Explicita-se, enfim, uma reivindicação mais desabrida: ou um ministério é entregue inteiro, no sistema de "porteiras fechadas", ou nada feito. Se se trata de um recado (e do que poderia tratar-se, se não disso?), é forçoso reconhecer que Cunha o embalou com habilidade.
Sua entrevista tem duas partes claramente distintas. Na primeira, o peemedebista expõe vários argumentos técnicos para justificar a resistência de seu partido à medida provisória dos portos.
Qualquer mudança num marco regulatório, diz o líder, interfere em interesses econômicos; há beneficiados e prejudicados. No caso dos portos, quatro terminais recém-instalados, com o compromisso de transportar apenas carga própria, passariam a ter a vantagem de transportar também carga de terceiros --sem passar, lastima Cunha, pela licitação de praxe.

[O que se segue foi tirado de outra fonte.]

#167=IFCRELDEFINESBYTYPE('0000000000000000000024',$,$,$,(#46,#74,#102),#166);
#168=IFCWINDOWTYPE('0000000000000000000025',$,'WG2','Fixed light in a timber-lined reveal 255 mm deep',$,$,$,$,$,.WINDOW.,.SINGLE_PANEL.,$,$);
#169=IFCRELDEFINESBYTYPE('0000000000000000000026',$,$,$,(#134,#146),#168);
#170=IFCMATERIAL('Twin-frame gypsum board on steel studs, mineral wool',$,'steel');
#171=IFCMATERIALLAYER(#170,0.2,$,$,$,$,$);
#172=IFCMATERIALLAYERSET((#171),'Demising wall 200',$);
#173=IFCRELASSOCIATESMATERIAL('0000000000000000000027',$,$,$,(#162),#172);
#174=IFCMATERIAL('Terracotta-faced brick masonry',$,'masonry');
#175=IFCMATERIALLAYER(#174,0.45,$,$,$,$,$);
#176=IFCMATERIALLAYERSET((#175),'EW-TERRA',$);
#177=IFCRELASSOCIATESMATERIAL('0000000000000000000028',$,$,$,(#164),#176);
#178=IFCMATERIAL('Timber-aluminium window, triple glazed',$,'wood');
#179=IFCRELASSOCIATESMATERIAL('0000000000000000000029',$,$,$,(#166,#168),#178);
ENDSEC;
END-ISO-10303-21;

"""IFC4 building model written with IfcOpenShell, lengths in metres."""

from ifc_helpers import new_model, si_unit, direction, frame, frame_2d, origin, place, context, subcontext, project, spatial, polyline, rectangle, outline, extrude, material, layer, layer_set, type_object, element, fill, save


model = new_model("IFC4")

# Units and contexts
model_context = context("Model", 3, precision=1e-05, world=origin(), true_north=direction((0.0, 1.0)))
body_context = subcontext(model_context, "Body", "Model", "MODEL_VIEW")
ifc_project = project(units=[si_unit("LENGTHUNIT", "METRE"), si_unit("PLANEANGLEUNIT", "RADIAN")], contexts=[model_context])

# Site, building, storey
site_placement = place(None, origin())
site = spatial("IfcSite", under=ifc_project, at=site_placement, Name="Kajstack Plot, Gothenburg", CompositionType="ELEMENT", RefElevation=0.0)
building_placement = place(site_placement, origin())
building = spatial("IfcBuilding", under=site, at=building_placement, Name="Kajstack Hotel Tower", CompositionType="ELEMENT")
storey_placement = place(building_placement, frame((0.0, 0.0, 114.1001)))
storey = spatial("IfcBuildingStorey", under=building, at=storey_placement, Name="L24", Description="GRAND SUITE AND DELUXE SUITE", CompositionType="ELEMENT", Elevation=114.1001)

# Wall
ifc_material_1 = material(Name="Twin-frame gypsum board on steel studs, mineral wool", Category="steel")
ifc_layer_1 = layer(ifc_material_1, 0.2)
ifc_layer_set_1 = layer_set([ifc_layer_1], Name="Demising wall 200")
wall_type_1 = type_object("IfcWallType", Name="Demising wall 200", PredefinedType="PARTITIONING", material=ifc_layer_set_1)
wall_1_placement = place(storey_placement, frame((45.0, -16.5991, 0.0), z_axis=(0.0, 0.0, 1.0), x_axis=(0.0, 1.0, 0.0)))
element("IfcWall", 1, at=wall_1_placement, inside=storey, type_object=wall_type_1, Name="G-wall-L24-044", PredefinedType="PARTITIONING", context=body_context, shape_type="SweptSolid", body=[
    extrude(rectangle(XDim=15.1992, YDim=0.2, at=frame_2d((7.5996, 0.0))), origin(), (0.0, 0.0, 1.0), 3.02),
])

A MP favoreceria, portanto, alguns grupos econômicos. "Mas eu não estou contestando isso", acrescenta, de forma algo surpreendente, o líder peemedebista. Sua crítica se faz em tese: não se deve ao mesmo tempo "beneficiar um e fazer a ruptura para os outros".
Volta-se, de certa forma, ao ponto de partida: toda mudança de regras naturalmente altera a situação para os que irão, no futuro, submeter-se a elas. Seja qual for a solução técnica para o problema, a entrevista de Cunha assume outro rumo, mais simples, a partir daí.
A nova regra dos portos deverá voltar à pauta da Câmara hoje e precisa ser votada até quinta-feira no Senado. Se aprovada, ou não, terá sido menos em função de argumentos e interesses daquele tipo do que de outra regra --a das porteiras, que o PMDB quer fechadas nos ministérios de sua cota.
A presidente resiste a tanto, mas para isso só conta com o apoio da opinião pública --da qual se distancia não só o PMDB, mas toda a base parlamentar do Planalto, assim que as urnas se fecham.